The Echo Murders (1945) - 5.0



Sexton Blake returns to once again fight villainy and the damn Nazis. This is a step above the previous Blake film, Meet Saxton Blake. Faster moving with a solid amount of intrigue and action and a mastermind that I didn't even remotely guess at. Of course, the video was so blanched out at times that it was difficult to even know who was who. I do wish that people who uploaded films to YouTube would put up bigger clearer files. What is the point of putting up a crappy copy if you can do better. My complaint for the day.

Blake receives an audio tube from a wealthy man who owns a tin mine on the coastline saying that he feels endangered. He is. Two minutes after sending off the tube, he is murdered at his desk. Someone had been trying to persuade him to sell the mine and even planting bombs in the mines. But no one understands why - the tin is nearly all mined out and not worth the price being offered. Not worth it to most but worth it to the Germans who are planning an invasion of England using a cave below the mine on the beach as an entry point. This being 1945 it seems a bit late for that. Other murders follow, Blake keeps walking into traps and then getting lucky and England is saved. Thank you Sexton Blake. A nice copy of this would no doubt improve it.

Sexton Blake and the Hooded Terror (1936) - 5.5



I downloaded a book of Blake Sexton's tales of his greatest villains and read a bit of The Brotherhood of the Yellow Beetle, a version of their Fu Manchu named Prince Wu Ling published as best as I can tell in 1913. It was surprisingly decent and as pulpy as pulp gets with a secret organization intent on ruling the world and failure met with the sting of a yellow beetle that is instant death.



I mention that because this one is much closer to pulp than the two films made in the 1940s. There were three filmed in the 1930s starring George Curzon as Blake. This was the third of them and I am not sure if the other two are in existence. This too has a secret gang called the Black Quorum that has tentacles all over the world. At their meetings they all wear black robes with a snake insignia sewn on and black pointy hoods. Which seems a bit silly as they all know each other and take off their hoods at the end of the meeting. I guess it just feels cool being all hooded. You might ask our KKK if that is true. Their diabolical leader is Michael Larron, a famous stamp collector of all things and played by the great English villain Tod Slaughter (Sweeny Todd).

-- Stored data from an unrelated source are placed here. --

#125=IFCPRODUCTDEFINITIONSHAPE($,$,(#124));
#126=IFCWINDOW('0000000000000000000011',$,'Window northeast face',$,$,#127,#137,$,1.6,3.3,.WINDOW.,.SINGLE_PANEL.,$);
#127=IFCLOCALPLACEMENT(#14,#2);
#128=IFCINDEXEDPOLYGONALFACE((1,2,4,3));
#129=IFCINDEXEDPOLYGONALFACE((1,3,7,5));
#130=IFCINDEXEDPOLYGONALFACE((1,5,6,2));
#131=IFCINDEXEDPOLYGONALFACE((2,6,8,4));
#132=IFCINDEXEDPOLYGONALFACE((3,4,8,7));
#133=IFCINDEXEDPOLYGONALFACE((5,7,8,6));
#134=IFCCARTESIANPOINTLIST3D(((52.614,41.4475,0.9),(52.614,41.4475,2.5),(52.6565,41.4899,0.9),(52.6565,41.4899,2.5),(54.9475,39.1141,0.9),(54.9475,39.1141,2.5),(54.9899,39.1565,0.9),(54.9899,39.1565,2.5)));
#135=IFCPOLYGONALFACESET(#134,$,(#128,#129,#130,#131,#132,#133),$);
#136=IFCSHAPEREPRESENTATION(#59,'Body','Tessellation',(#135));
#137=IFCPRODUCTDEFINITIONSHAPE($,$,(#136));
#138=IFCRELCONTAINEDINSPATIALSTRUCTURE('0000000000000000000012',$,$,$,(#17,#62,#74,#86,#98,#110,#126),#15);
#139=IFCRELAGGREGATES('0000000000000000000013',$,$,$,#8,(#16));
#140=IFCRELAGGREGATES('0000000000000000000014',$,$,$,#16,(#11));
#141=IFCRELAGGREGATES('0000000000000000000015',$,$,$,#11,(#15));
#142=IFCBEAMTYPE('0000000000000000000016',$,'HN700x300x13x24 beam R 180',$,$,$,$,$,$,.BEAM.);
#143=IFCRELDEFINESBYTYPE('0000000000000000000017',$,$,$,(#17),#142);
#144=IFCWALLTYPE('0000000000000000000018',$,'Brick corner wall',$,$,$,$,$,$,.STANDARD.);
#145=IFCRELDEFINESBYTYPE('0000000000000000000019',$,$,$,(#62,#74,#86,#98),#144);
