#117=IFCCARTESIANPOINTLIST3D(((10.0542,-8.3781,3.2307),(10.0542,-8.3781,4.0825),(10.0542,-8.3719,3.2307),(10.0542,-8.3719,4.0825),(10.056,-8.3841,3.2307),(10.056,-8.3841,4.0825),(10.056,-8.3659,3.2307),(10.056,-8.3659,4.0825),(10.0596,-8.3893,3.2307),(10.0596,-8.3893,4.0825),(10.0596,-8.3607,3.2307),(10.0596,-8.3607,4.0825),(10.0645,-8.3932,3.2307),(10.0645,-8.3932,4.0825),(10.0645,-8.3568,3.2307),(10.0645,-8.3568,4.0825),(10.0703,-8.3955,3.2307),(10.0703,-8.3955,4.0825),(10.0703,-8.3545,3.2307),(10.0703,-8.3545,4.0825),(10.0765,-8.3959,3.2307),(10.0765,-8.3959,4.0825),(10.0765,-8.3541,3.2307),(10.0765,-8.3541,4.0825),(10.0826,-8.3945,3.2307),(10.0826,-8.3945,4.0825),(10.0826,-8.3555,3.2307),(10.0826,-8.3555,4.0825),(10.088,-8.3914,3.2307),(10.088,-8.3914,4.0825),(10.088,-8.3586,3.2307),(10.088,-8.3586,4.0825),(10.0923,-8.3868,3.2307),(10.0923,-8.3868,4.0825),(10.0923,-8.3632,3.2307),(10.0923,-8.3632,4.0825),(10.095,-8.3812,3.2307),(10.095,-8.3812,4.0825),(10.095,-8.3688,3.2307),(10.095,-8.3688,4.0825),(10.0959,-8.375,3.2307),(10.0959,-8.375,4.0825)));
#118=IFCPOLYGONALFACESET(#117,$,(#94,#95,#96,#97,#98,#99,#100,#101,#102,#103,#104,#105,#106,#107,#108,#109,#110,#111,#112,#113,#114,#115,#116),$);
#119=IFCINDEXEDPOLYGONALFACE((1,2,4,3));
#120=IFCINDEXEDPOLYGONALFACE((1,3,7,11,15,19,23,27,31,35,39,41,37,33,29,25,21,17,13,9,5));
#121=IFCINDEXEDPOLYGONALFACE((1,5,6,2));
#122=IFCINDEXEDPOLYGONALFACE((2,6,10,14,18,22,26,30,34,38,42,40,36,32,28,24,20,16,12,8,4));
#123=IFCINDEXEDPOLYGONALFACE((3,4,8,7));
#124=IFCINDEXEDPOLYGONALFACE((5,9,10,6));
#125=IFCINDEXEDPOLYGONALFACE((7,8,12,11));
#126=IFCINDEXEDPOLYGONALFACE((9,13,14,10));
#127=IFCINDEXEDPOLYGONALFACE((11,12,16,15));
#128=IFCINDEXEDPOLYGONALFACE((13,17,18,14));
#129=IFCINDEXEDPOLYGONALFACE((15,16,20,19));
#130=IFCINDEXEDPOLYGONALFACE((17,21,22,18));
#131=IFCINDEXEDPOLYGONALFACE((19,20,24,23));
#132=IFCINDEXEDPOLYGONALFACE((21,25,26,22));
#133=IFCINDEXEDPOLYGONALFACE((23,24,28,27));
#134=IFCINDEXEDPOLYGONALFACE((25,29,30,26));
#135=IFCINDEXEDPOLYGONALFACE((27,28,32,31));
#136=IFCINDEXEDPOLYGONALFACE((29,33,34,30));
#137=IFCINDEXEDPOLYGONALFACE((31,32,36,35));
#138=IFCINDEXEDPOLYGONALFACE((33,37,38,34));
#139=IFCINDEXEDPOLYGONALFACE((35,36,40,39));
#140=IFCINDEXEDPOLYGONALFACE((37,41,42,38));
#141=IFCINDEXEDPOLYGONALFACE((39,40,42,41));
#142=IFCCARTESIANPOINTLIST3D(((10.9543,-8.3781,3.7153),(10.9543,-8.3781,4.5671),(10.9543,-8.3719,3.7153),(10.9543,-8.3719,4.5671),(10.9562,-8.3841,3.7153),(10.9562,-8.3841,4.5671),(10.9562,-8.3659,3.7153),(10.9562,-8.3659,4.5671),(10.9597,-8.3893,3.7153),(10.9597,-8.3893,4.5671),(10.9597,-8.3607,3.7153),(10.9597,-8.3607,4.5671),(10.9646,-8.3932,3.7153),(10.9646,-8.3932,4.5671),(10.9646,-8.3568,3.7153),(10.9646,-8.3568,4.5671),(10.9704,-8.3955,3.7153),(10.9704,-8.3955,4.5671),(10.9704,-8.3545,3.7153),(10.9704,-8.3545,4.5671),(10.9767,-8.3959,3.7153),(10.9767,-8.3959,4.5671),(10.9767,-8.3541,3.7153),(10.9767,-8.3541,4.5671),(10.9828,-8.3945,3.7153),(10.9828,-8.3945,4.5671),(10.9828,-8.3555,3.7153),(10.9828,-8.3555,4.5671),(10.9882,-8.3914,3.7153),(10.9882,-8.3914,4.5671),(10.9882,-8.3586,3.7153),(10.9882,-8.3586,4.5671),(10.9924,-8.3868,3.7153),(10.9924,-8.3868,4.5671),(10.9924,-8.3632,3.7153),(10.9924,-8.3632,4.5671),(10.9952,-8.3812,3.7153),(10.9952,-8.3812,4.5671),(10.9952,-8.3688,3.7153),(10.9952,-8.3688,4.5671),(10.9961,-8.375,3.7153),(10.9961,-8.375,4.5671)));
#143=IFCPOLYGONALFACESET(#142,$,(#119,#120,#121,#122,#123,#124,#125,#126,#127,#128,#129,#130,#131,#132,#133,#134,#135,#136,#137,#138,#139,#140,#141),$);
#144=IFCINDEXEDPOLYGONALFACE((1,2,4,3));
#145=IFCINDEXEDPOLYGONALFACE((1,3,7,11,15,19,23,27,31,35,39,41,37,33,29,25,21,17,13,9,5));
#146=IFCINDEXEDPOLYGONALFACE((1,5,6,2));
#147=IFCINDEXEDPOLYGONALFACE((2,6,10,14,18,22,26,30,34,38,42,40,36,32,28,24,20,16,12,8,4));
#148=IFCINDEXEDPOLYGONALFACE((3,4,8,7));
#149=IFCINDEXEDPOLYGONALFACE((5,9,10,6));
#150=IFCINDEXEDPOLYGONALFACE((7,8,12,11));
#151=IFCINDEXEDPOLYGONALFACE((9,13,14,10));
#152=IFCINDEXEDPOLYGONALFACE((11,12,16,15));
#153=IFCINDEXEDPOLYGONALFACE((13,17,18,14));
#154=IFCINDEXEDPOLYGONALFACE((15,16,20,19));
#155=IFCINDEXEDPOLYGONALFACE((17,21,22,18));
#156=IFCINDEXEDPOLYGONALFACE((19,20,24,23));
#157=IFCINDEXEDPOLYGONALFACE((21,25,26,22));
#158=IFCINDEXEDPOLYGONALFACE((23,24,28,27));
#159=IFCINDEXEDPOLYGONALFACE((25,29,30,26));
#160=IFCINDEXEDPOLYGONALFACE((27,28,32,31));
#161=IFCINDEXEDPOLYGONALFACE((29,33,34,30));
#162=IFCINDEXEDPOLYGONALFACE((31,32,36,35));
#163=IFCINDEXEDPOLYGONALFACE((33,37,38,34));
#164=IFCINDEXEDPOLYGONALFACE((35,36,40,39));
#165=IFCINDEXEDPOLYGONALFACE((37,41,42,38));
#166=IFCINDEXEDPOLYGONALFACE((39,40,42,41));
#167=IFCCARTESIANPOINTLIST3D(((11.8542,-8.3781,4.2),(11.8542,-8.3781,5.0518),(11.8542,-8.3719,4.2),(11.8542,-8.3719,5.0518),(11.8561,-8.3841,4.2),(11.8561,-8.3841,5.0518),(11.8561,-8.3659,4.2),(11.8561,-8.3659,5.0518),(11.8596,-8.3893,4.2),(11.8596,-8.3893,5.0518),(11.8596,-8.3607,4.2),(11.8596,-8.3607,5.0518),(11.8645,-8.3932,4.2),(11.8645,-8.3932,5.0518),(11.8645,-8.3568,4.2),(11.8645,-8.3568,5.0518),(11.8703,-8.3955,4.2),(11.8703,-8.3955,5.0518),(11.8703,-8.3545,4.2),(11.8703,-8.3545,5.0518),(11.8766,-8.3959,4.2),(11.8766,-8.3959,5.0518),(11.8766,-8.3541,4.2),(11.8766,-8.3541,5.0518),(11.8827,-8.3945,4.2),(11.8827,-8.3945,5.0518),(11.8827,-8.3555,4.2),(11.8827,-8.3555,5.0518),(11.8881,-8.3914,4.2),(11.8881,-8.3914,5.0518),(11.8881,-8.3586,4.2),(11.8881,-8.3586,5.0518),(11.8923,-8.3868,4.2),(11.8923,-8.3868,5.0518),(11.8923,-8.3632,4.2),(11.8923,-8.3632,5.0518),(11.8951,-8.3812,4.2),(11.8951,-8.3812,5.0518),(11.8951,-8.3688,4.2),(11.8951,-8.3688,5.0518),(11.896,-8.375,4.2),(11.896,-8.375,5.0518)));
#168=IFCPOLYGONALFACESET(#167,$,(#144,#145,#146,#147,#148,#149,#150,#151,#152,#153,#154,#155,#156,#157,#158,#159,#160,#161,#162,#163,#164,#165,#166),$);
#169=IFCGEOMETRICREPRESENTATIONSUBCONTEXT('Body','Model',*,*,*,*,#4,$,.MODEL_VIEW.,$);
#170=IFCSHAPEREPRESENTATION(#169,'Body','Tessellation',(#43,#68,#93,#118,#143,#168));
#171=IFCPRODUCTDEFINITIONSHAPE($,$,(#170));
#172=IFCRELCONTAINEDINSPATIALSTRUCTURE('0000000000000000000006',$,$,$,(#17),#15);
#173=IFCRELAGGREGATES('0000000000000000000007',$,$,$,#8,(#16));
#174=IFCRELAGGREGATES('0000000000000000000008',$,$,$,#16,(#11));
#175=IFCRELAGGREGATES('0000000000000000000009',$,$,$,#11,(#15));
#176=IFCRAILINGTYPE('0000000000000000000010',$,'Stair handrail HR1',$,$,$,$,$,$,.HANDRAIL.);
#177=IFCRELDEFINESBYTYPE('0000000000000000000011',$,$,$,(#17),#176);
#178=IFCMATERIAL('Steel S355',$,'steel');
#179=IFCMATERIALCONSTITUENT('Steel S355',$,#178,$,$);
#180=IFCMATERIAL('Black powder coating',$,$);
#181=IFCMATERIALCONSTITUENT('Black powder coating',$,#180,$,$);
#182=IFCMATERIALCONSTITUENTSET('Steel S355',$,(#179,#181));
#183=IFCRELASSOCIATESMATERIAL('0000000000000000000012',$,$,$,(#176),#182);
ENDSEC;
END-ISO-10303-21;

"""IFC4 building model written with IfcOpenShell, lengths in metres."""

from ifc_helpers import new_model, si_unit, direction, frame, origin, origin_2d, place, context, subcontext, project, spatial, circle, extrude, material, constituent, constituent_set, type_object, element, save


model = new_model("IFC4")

I hope Sexton is smarter in his other adventures than he is in this one. He botches the case up all along till the end and even then he is lucky. Beginning in Hong Kong a friend of Blake's Granite Grant played by future Sexton Blake David Farrar has discovered that the Black Quorum will meet in England and he plans to go to England to tell Blake. But is stabbed before doing so and so gives the job to a friend. The friend arrives in England and phones Blake to tell him that he is coming. Great. Blake goes to a public place, sees his old friend Julie (Greta Gynt) who is a French agent in the Secret Service and blurts this out in his loud voice. Needless to say, the person is killed by a blow pipe and leaves only a code. And idiot that he is, Blake never realizes that he got the man killed. Another time he has once again walked into a trap and while tied up he sees his assistant Tinker on a video camera in front of the house and keeps yelling at him to help. He can't hear you. Sadly, Tinker and Julie do most of the work and end up in a room where huge poisonous snakes are crawling in. I hope the book is better. (I read one story and it was good pulpy fun).